Faust is made available to the English reader in a completely new translation that communicates both its poetic variety and its many levels of tone. The language is present-day English, and Goethe's formal and rhythmic variety is reproduced in all its richness. With stylistic ease the translation conveys both the sense and the tonal range of the German original without recourse to archaisms or to interpretive elaborations. A short essay affords the reader an understanding of Goethe's considerations as he composed the drama in the course of six decades, and the notes elucidate allusions that may be obscure to an English reader and indicate the significance of metrical features of the text.
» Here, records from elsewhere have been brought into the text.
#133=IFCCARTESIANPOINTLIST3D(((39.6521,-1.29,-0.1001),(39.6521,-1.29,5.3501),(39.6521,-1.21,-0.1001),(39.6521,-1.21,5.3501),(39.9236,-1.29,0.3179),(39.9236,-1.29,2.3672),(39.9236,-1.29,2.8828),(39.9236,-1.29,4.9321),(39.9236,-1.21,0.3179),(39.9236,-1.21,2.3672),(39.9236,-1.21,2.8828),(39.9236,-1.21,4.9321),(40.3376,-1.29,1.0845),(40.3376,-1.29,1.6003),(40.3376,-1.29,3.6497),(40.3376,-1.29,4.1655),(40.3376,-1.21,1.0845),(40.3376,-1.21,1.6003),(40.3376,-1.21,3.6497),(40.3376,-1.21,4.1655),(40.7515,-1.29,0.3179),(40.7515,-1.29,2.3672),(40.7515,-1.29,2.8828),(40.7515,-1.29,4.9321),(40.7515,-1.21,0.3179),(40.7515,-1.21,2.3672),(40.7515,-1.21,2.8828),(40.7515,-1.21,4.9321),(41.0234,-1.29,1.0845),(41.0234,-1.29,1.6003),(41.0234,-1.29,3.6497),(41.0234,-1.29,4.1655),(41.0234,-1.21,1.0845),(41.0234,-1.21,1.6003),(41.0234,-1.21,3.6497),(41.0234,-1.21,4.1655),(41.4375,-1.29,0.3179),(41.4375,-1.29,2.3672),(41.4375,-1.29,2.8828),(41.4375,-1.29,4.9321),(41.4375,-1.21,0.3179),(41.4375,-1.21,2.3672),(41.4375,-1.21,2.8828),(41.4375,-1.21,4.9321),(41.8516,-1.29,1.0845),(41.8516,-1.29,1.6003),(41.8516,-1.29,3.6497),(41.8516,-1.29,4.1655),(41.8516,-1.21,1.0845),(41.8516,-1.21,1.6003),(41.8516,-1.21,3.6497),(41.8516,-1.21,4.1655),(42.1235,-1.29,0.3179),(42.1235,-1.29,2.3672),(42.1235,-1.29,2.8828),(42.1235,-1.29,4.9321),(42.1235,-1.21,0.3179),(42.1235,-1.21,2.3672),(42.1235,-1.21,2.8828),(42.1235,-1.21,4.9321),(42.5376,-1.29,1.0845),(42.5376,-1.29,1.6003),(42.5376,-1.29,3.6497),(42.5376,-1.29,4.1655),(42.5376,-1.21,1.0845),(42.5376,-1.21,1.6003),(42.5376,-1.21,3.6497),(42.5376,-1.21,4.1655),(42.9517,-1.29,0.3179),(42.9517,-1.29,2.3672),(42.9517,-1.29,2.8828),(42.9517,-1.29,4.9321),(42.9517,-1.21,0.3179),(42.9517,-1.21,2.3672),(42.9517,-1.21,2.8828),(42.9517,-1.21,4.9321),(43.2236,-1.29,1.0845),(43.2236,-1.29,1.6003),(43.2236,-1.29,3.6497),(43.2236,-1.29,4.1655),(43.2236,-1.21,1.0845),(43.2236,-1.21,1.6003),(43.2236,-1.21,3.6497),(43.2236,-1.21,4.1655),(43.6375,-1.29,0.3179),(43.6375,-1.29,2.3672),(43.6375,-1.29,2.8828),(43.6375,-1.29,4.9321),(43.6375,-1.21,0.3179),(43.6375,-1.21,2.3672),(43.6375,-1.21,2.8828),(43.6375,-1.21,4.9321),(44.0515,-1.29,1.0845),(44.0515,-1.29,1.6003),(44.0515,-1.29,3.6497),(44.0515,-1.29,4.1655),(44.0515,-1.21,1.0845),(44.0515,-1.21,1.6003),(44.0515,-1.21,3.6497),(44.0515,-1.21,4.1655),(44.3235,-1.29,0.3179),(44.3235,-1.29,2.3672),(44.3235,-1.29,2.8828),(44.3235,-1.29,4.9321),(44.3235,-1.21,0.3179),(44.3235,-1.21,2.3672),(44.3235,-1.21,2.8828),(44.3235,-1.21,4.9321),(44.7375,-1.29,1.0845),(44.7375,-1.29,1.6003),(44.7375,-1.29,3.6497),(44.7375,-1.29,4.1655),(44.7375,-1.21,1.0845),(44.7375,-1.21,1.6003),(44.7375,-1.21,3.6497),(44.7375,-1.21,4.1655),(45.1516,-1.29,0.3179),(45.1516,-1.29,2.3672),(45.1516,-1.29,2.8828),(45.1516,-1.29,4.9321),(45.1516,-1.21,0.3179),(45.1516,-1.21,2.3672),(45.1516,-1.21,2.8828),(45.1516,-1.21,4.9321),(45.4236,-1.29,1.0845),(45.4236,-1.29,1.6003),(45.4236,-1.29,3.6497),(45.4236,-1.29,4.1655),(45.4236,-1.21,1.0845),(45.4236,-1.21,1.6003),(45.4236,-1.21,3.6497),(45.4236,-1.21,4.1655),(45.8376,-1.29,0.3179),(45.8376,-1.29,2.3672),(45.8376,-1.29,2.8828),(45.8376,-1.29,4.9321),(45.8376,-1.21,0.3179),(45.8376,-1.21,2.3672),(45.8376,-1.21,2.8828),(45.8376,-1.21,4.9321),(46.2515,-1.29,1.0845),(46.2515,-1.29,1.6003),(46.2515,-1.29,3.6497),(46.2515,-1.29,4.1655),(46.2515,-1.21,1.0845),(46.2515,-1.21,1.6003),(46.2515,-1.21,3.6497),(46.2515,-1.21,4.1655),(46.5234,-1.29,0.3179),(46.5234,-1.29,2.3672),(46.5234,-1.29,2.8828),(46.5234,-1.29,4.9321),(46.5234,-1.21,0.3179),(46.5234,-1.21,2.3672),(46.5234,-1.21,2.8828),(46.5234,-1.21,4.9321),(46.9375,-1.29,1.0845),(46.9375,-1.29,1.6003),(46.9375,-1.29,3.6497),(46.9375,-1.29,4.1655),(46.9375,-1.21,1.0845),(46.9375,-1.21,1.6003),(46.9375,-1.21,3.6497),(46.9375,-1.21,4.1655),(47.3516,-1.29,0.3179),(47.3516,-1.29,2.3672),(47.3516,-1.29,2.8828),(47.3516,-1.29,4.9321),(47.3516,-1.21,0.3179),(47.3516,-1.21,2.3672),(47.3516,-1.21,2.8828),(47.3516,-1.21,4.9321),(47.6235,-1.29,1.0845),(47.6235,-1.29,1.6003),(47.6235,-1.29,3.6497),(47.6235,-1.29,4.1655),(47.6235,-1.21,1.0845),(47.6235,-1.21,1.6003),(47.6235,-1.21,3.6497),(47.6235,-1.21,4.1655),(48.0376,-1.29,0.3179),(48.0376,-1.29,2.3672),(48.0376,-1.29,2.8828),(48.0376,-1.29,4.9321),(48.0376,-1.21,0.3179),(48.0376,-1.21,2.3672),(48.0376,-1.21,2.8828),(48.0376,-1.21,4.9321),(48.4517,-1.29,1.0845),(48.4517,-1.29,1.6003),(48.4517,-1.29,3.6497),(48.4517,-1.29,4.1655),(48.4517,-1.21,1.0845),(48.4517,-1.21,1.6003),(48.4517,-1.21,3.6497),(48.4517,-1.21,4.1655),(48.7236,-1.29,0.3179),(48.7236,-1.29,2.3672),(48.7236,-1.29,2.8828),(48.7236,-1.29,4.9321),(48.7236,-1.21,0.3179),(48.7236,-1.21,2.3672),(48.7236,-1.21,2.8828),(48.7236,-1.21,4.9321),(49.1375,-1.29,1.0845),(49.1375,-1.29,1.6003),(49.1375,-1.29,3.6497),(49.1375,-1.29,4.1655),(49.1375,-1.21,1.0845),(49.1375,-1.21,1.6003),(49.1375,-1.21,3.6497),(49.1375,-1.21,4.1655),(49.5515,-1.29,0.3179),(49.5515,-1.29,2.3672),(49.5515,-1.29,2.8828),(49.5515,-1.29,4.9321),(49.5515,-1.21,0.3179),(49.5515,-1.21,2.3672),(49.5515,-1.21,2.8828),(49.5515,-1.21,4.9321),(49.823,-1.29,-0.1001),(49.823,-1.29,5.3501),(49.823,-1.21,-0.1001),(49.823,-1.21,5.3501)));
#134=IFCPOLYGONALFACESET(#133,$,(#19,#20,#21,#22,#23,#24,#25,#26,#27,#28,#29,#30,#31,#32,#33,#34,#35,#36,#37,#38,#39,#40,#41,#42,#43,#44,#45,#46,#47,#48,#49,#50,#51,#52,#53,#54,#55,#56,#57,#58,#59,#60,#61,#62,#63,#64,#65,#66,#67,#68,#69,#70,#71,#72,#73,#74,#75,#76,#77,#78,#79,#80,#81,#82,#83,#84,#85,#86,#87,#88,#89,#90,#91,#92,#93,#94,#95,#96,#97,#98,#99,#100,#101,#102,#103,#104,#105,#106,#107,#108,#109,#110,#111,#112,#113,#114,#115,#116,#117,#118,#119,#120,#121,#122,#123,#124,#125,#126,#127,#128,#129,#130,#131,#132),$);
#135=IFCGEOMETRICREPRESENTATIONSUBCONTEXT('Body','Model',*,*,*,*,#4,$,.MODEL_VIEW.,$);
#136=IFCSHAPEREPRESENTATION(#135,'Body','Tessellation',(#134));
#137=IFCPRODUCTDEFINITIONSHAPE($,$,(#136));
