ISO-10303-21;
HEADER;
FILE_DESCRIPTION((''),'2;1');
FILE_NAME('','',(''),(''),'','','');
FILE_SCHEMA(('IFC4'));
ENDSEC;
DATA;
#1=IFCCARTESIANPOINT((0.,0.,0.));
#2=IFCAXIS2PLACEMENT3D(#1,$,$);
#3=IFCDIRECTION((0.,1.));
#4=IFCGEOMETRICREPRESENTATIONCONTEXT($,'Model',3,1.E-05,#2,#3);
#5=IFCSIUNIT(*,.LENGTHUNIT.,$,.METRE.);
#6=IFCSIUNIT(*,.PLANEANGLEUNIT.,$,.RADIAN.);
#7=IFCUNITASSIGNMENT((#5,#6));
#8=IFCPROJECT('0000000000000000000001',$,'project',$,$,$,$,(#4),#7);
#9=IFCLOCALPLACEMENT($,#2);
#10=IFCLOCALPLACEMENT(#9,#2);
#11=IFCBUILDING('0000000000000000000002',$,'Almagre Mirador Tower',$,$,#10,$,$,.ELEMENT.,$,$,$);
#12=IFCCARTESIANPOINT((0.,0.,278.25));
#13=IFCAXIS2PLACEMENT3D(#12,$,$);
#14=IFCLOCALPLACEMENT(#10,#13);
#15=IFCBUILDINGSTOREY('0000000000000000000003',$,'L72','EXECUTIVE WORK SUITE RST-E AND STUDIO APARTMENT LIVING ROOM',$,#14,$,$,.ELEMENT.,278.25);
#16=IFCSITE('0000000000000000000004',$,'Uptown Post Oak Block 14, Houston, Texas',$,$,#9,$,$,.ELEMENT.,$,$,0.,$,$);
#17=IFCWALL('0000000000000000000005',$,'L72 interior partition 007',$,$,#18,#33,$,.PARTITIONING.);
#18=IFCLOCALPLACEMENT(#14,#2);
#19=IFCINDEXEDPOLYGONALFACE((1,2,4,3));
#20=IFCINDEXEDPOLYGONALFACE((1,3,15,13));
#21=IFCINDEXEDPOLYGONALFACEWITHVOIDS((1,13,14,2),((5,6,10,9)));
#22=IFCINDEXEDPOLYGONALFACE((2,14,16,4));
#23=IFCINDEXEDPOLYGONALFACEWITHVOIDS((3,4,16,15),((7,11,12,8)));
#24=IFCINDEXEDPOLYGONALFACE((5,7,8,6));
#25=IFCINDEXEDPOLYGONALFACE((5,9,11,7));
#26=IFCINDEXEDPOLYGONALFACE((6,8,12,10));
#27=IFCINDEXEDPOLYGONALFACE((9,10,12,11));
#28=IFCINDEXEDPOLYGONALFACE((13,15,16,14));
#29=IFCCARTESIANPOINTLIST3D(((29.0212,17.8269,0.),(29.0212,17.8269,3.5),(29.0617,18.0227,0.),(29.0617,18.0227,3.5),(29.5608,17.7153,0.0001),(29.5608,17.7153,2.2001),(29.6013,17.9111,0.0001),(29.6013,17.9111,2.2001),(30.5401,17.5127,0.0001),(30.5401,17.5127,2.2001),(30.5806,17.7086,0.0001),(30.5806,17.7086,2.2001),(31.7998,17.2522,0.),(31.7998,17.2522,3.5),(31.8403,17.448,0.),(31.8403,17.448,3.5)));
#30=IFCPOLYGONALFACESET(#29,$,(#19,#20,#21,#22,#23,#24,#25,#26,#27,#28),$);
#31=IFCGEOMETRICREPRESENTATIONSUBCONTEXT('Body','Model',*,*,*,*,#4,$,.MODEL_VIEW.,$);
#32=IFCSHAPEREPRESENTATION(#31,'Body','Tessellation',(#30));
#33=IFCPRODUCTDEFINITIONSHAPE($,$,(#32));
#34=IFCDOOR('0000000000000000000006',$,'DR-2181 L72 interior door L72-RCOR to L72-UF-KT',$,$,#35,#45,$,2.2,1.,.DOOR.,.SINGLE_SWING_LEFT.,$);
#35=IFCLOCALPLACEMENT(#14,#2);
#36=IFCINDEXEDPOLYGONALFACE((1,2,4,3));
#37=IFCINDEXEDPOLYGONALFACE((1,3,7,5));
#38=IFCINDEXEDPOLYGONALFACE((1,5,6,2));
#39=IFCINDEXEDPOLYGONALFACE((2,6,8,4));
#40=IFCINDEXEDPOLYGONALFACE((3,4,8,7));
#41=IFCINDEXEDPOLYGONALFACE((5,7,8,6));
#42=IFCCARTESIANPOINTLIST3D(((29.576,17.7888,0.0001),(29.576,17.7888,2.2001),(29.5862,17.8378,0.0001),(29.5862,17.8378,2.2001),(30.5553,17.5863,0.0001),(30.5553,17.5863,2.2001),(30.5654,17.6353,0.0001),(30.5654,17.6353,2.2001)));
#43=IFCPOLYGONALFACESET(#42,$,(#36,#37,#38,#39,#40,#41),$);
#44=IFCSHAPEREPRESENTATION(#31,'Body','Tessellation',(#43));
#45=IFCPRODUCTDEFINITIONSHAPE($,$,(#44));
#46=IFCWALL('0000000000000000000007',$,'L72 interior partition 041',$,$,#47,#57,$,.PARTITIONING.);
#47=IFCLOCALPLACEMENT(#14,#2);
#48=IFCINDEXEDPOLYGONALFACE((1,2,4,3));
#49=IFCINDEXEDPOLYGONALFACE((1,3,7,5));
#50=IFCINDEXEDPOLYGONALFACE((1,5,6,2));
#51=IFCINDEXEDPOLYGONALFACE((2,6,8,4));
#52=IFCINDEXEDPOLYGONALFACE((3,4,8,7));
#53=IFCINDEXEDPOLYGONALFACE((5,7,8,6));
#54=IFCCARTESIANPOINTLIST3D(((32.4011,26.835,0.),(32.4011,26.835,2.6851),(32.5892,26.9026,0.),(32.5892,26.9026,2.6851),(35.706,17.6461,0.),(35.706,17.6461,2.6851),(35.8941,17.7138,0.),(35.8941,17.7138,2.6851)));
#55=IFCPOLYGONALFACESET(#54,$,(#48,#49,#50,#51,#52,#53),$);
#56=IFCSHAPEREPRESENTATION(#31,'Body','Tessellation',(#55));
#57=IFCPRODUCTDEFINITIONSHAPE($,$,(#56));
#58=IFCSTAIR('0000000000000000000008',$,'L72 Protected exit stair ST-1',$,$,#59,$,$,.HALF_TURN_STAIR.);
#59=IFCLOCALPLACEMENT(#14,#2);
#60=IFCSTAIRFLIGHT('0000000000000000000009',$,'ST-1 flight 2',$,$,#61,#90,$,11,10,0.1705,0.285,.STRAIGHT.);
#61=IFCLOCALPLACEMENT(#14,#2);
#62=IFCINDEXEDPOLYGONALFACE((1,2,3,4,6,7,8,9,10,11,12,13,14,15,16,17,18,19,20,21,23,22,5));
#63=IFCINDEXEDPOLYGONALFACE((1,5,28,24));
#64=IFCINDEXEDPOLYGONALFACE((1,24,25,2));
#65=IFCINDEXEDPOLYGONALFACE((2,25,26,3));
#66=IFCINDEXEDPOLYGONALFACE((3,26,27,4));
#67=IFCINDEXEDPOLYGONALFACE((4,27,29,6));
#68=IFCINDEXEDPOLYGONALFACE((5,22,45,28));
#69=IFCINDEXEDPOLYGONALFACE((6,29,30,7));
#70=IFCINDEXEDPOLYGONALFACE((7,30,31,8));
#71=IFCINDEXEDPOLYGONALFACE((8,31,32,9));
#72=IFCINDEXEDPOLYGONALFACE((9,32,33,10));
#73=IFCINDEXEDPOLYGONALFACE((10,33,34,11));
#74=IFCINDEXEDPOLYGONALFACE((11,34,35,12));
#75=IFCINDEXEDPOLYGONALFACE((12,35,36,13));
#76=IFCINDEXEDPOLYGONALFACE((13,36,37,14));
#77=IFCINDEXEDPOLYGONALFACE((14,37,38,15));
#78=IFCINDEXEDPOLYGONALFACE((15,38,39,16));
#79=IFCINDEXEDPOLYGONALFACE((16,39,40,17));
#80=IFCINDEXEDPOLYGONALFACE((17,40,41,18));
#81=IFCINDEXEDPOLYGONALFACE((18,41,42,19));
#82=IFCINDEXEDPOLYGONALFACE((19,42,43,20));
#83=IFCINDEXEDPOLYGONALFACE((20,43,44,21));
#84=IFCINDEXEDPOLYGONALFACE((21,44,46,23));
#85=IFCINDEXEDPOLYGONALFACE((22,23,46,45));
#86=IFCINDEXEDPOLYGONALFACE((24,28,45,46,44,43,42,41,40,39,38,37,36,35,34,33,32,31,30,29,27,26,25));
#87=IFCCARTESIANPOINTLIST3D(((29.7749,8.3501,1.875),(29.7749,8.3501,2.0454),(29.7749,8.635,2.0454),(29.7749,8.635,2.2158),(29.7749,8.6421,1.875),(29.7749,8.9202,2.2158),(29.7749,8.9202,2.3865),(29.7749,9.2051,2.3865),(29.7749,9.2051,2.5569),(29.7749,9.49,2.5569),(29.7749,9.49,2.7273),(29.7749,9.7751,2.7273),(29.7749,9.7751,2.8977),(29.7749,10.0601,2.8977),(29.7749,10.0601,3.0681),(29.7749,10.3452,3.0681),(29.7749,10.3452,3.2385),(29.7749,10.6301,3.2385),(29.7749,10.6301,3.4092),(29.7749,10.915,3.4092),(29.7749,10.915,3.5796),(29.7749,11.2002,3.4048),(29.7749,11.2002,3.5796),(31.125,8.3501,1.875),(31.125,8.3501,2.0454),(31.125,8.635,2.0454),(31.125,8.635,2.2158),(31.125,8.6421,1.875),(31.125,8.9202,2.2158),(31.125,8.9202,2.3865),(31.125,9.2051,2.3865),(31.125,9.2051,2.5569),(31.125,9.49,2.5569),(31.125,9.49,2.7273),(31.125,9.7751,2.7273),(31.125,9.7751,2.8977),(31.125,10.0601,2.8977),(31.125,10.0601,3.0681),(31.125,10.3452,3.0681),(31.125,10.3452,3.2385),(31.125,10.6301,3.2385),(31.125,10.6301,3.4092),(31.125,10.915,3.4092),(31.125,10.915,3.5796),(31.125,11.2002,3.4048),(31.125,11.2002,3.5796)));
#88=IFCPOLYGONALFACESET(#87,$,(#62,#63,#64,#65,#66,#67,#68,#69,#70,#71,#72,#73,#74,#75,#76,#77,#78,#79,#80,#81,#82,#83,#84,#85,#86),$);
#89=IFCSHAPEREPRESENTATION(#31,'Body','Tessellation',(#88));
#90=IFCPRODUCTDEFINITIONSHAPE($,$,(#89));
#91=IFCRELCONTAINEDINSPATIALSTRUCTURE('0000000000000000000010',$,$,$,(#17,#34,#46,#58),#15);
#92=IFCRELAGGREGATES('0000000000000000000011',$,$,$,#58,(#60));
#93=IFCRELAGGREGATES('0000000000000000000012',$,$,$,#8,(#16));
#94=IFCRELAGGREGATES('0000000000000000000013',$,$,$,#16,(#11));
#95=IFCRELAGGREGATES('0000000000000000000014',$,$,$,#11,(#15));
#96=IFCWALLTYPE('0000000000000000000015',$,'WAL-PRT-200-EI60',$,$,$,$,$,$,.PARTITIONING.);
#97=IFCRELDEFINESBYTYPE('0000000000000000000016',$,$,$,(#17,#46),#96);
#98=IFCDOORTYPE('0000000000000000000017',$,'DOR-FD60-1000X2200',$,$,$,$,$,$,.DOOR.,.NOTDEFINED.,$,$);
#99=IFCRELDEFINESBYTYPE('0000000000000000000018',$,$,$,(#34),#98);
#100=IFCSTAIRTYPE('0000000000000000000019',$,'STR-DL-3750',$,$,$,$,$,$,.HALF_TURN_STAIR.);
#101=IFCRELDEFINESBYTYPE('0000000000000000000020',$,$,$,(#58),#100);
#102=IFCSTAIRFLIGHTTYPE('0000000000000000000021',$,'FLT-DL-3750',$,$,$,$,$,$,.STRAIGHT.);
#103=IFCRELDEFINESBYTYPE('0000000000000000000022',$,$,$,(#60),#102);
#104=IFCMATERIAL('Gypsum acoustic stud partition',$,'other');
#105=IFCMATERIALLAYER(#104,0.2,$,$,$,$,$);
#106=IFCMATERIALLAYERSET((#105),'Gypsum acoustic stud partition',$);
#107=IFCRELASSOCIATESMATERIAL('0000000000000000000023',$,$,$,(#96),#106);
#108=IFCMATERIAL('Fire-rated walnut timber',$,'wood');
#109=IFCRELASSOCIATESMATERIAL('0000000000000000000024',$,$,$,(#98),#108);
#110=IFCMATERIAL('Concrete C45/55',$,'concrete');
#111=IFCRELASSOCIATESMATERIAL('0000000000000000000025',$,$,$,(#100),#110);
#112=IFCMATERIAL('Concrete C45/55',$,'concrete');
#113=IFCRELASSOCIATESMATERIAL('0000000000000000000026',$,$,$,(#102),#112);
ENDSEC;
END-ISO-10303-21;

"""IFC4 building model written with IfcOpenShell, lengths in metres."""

from ifc_helpers import new_model, si_unit, direction, frame, frame_2d, origin, place, context, subcontext, project, spatial, polyline, rectangle, outline, extrude, material, layer, layer_set, type_object, element, fill, aggregate, save


model = new_model("IFC4")

# Units and contexts
model_context = context("Model", 3, precision=1e-05, world=origin(), true_north=direction((0.0, 1.0)))
body_context = subcontext(model_context, "Body", "Model", "MODEL_VIEW")
ifc_project = project(units=[si_unit("LENGTHUNIT", "METRE"), si_unit("PLANEANGLEUNIT", "RADIAN")], contexts=[model_context])

# Site, building, storey
site_placement = place(None, origin())
site = spatial("IfcSite", under=ifc_project, at=site_placement, Name="Uptown Post Oak Block 14, Houston, Texas", CompositionType="ELEMENT", RefElevation=0.0)
building_placement = place(site_placement, origin())
building = spatial("IfcBuilding", under=site, at=building_placement, Name="Almagre Mirador Tower", CompositionType="ELEMENT")
storey_placement = place(building_placement, frame((0.0, 0.0, 278.25)))
storey = spatial("IfcBuildingStorey", under=building, at=storey_placement, Name="L72", Description="EXECUTIVE WORK SUITE RST-E AND STUDIO APARTMENT LIVING ROOM", CompositionType="ELEMENT", Elevation=278.25)

# Shared definitions
ifc_material_1 = material(Name="Gypsum acoustic stud partition", Category="other")
ifc_layer_1 = layer(ifc_material_1, 0.2)
ifc_layer_set_1 = layer_set([ifc_layer_1], Name="Gypsum acoustic stud partition")
wall_type_1 = type_object("IfcWallType", Name="WAL-PRT-200-EI60", PredefinedType="PARTITIONING", material=ifc_layer_set_1)

# Wall, opening, door
ifc_material_2 = material(Name="Fire-rated walnut timber", Category="wood")
door_type_1 = type_object("IfcDoorType", Name="DOR-FD60-1000X2200", OperationType="NOTDEFINED", PredefinedType="DOOR", material=ifc_material_2)
wall_1_placement = place(storey_placement, frame((31.8201, 17.3501, 0.0), z_axis=(0.0, 0.0, 1.0), x_axis=(-0.979272, 0.202549, 0.0)))
wall_1 = element("IfcWall", 1, at=wall_1_placement, inside=storey, type_object=wall_type_1, Name="L72 interior partition 007", PredefinedType="PARTITIONING", context=body_context, shape_type="SweptSolid", body=[
    extrude(rectangle(XDim=2.8374, YDim=0.2, at=frame_2d((1.4187, 0.0))), origin(), (0.0, 0.0, 1.0), 3.5),
])
opening_1_placement = place(wall_1_placement, frame((1.2864, 0.0, 0.0)))
opening_1 = element("IfcOpeningElement", 2, at=opening_1_placement, cuts=wall_1, PredefinedType="OPENING", context=body_context, shape_type="SweptSolid", body=[
    extrude(rectangle(XDim=1.0, YDim=2.2, at=frame_2d((0.5, 1.1001))), frame((0.0, 0.1101, 0.0), z_axis=(0.0, -1.0, 0.0), x_axis=(1.0, 0.0, 0.0)), (0.0, 0.0, 1.0), 0.22),
])
door_1_placement = place(opening_1_placement, origin())
door_1 = element("IfcDoor", 3, at=door_1_placement, inside=storey, type_object=door_type_1, Name="DR-2181 L72 interior door L72-RCOR to L72-UF-KT", OperationType="SINGLE_SWING_LEFT", OverallHeight=2.2, OverallWidth=1.0, PredefinedType="DOOR", context=body_context, shape_type="SweptSolid", body=[
    extrude(rectangle(XDim=1.0, YDim=2.2, at=frame_2d((0.5, 1.1001))), frame((0.0, 0.0249, 0.0), z_axis=(0.0, -1.0, 0.0), x_axis=(1.0, 0.0, 0.0)), (0.0, 0.0, 1.0), 0.05),
])
fill(opening_1, door_1)

# Wall
wall_2_placement = place(storey_placement, frame((35.8, 17.6799, 0.0), z_axis=(0.0, 0.0, 1.0), x_axis=(-0.338439, 0.940988, 0.0)))
element("IfcWall", 4, at=wall_2_placement, inside=storey, type_object=wall_type_1, Name="L72 interior partition 041", PredefinedType="PARTITIONING", context=body_context, shape_type="SweptSolid", body=[
    extrude(rectangle(XDim=9.7651, YDim=0.2, at=frame_2d((4.8826, 0.0))), origin(), (0.0, 0.0, 1.0), 2.6851),
])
This book is part of a projected twelve-volume paperback series that brings into modern English a reliable translation of a representative portion of Johann Wolfgang von Goethe's vast body of work. Selected from over 140 volumes in German, this edition is the new standard in English and contains poetry, drama, fiction, memoir, criticism, and scientific writing. The twelve volumes are also available in hardcover, individually or as a set, through Princeton University Press.
Johann Wolfgang Goethe
Goethe: A famous German writer, novelist, storyteller and poet, who has made a great contribution to world literature, especially German. Johann Wolfgang Goethe was born in March 1749 in the city of Frankfurt on the River Main, to a firm, well-off father, who obliged him to learn Latin, Italian, Greek, Hebrew, French, English, some music and painting, in addition to some natural sciences, such as the University of Physics, who sent him to the University of Physics. However, he inclined to the study of literature and began writing poems and dramatic plays, and besides literature he was interested in natural history and medicine. In 1768, Goethe returned to Frankfurt, and his father became angry with him and sent him to the University of Strasbourg, where he obtained a law degree, in which he followed the famous German writer Herder. The Supreme Court, followed the senior judges and got acquainted with some of the men of power. In 1774, Goethe became acquainted with Duke Karl August, governor of the province of Weimar, and this friendship strengthened until the Duke gave him one of the most prestigious positions in the province, in addition to appointing him a member of the Supreme Council of the province, and deducted a salary and a house for him. Goethe traveled to Italy in 1786 and stayed there for about a year and a half. He himself considered this trip a turning point in his life. Where his personality was influenced by Italian art and literature, in which he wrote the plays "Iphigenia", "Egmont" and "Tasso". Goethe was influenced by Arabic literature since his youth; At the age of twenty-three he composed a poem in praise of the Prophet “Muhammad”, and his relationship with Eastern, Persian and Arabic literature was strengthened by him, especially after the age of sixty. Where he studied the poetry of "Hafez al-Shirazi" as a translator, and was acquainted with the customs and history of the East, with the help of some orientalists, because he was not fluent in Arabic. Goethe has many books, the most famous of which are: “The Sorrows of Werther”, “Faust”, “The Eastern Divan of the Western Author”, “Selected Genealogy”, “Tasso”, and “The Lover’s Caprice”. Goethe died at his home in Weimar in 1832.